I know this is a common question, but the common answer of r[order(unlist(r))]
isn't working due to numerical keys. I can't find any answers after a while of searching. I did see How can I get top n values with its index in R? but that uses a dataframe, and I don't know how to implement a dataframe into my function.
I have a list of values which I created by using r[[i]] <- value
within a loop. Now I want to sort that list, but keep the numerical key.
> r
[[1]]
[1] 4396750
[[2]]
[1] 6340260
[[3]]
[1] 8449058
[[4]]
[1] 5676146
> r <- r[order(unlist(r))]
> r
[[1]]
[1] 4396750
[[2]]
[1] 5676146
[[3]]
[1] 6340260
[[4]]
[1] 8449058
I need some way to retain the keys, so that I know the values, from lowest to highest, are represented by keys 1,4,2,3
. Then I will need to keep the keys with the lowest 3 values. So my end result should be some list or vector that gives me 1,4,2
.
My example is simplified, so doing some shortcut like "just drop the highest value" won't work.

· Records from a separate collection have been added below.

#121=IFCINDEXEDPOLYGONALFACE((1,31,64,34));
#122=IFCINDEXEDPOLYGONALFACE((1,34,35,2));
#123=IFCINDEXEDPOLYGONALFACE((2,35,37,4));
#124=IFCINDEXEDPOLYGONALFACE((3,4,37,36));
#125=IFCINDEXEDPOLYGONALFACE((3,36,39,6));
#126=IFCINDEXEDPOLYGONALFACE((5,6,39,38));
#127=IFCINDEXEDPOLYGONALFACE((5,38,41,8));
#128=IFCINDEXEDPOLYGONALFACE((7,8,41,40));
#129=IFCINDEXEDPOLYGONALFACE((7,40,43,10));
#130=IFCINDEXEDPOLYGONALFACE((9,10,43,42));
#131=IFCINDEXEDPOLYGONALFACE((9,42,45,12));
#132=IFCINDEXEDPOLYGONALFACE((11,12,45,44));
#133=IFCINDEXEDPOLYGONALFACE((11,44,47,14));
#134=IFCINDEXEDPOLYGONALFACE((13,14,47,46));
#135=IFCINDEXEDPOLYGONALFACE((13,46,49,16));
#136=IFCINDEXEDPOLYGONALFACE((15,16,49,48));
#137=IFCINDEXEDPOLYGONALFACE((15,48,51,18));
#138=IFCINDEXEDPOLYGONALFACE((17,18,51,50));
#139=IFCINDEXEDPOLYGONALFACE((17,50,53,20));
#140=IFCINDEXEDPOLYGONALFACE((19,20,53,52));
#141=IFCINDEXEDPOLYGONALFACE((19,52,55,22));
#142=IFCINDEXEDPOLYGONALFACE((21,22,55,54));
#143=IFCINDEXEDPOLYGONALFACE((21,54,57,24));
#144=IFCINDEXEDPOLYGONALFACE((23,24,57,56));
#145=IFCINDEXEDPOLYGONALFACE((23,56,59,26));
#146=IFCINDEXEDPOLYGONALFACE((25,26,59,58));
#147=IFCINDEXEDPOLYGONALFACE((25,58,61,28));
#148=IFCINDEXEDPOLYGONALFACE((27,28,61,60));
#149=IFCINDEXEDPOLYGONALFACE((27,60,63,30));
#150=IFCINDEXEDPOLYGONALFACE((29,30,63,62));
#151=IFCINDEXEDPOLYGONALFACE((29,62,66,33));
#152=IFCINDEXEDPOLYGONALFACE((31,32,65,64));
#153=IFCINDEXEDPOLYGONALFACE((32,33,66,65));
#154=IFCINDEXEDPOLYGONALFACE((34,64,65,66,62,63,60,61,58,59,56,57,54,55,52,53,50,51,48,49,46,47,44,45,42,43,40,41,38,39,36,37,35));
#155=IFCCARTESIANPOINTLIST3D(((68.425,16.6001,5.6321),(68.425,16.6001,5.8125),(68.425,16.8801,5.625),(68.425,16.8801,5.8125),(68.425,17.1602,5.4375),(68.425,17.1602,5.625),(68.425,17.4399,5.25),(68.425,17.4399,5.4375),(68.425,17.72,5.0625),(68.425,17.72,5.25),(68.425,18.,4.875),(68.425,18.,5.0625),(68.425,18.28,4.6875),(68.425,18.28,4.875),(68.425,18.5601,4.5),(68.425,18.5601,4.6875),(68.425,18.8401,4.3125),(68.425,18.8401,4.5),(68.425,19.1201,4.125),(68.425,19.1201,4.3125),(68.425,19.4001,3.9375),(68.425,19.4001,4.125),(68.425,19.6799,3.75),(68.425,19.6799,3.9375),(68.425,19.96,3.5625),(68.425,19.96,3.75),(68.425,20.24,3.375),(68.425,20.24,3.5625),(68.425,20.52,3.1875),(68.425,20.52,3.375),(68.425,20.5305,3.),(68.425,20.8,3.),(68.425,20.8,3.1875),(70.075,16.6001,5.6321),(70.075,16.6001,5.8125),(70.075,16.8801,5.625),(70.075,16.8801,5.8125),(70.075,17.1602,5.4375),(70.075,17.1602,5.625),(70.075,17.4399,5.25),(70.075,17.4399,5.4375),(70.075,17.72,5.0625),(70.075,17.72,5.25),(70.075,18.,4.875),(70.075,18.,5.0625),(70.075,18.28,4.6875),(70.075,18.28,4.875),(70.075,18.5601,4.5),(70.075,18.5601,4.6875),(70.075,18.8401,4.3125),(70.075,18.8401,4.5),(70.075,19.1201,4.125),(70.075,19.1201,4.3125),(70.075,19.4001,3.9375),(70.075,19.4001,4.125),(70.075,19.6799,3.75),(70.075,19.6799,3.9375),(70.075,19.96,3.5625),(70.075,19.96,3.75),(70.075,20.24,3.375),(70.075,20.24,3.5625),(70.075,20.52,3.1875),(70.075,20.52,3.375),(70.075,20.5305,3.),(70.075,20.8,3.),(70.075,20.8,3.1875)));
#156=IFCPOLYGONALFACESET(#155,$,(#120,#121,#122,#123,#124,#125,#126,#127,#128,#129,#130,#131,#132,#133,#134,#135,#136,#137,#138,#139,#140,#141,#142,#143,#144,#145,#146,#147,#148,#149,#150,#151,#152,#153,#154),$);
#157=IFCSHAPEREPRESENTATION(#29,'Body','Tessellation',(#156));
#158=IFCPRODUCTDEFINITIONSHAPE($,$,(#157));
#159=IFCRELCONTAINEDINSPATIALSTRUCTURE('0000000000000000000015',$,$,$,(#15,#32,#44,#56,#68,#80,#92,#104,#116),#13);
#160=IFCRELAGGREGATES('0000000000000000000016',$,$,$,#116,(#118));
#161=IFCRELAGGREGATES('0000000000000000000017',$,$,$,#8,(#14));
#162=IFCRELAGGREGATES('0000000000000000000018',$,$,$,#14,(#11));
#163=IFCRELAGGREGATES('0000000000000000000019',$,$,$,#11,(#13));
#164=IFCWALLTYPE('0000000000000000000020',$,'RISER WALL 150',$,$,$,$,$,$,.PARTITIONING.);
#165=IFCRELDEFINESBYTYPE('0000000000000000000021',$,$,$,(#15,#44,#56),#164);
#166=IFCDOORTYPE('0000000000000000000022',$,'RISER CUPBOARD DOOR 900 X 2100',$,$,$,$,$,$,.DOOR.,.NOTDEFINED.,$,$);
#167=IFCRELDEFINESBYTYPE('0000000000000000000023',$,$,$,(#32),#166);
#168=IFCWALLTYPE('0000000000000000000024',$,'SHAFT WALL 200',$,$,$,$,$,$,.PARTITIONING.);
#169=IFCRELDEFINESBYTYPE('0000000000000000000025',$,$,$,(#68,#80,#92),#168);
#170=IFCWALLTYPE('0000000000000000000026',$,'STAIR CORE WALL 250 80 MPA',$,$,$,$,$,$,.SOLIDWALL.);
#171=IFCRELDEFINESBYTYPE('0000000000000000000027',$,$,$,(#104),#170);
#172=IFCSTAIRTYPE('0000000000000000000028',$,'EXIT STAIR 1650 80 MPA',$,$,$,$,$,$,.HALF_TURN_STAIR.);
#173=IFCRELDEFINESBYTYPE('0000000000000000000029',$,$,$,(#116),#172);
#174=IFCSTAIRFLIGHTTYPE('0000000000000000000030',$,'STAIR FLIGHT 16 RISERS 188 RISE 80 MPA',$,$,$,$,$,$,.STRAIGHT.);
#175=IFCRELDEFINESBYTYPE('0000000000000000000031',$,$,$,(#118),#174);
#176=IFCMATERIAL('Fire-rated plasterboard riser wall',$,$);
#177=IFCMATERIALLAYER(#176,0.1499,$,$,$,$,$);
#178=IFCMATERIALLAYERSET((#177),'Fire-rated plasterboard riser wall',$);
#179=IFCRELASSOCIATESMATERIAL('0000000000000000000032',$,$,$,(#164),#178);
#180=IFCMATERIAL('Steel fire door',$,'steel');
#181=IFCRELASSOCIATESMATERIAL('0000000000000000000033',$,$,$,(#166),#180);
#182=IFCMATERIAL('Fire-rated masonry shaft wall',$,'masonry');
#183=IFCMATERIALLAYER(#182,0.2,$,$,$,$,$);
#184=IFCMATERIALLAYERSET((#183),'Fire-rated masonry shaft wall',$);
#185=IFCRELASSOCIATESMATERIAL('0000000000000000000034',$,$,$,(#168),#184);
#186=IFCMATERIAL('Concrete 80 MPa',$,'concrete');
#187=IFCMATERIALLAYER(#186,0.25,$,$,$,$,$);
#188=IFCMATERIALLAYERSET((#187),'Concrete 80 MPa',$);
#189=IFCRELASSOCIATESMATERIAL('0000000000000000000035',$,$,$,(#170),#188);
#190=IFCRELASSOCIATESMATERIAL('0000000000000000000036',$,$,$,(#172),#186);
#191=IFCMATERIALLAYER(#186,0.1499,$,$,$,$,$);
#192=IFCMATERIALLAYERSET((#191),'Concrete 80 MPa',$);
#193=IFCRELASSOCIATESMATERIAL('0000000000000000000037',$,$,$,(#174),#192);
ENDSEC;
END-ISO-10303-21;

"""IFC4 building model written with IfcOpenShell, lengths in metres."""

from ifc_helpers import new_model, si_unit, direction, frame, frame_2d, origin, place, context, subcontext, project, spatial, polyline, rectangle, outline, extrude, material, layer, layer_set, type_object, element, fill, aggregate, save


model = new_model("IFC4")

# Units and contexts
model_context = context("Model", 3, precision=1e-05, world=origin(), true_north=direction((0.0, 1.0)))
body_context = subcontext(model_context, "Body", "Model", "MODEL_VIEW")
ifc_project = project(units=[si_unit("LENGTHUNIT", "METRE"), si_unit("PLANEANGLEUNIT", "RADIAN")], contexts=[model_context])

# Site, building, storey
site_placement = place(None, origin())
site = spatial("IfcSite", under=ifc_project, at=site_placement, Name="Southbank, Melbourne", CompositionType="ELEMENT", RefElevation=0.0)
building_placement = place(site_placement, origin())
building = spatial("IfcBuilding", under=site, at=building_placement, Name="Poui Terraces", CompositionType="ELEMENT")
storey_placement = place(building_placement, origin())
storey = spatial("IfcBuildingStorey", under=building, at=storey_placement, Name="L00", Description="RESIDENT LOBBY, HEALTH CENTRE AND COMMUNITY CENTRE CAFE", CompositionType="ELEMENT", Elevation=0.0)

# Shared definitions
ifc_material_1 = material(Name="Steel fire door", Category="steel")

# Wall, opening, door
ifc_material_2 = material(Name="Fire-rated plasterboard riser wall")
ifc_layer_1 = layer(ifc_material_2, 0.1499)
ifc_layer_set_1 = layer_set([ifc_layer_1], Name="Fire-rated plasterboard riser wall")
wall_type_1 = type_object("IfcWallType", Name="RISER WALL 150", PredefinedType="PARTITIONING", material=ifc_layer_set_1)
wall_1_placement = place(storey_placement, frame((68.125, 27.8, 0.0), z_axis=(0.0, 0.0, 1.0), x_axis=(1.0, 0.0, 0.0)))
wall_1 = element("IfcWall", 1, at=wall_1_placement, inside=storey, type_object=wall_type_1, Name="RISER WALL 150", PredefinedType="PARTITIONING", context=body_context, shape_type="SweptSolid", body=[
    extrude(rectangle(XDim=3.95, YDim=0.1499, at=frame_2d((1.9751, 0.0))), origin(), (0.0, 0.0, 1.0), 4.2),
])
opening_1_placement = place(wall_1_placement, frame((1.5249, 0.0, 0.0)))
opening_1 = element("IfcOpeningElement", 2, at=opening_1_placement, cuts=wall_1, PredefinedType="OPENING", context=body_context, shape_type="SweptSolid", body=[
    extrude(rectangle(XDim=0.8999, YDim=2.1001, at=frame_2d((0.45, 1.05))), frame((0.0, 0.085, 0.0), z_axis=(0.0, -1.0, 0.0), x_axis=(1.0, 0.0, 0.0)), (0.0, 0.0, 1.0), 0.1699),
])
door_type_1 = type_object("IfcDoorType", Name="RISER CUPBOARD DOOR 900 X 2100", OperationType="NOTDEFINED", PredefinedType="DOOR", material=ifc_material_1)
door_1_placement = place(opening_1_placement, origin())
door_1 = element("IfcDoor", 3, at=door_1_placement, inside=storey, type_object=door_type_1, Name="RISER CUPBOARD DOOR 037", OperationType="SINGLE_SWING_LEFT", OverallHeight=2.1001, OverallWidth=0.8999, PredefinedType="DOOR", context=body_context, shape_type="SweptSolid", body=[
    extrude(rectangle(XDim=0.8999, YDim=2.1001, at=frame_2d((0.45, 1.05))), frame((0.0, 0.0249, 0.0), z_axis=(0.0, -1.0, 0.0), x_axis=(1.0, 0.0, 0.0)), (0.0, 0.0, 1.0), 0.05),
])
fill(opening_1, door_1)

The actual code for the function is here:
knnacc <- function(e){
dist = list()
for(j in 1:10000) {
dist[[j]] <- distance(TEST[["image"]][[e]], TRAIN[["image"]][[j]])
}
#dist <- dist[order(unlist(dist))]
return(dist)
}
I would like to reach a point where the function returns the 20 keys associated with lowest distance out of 60,000.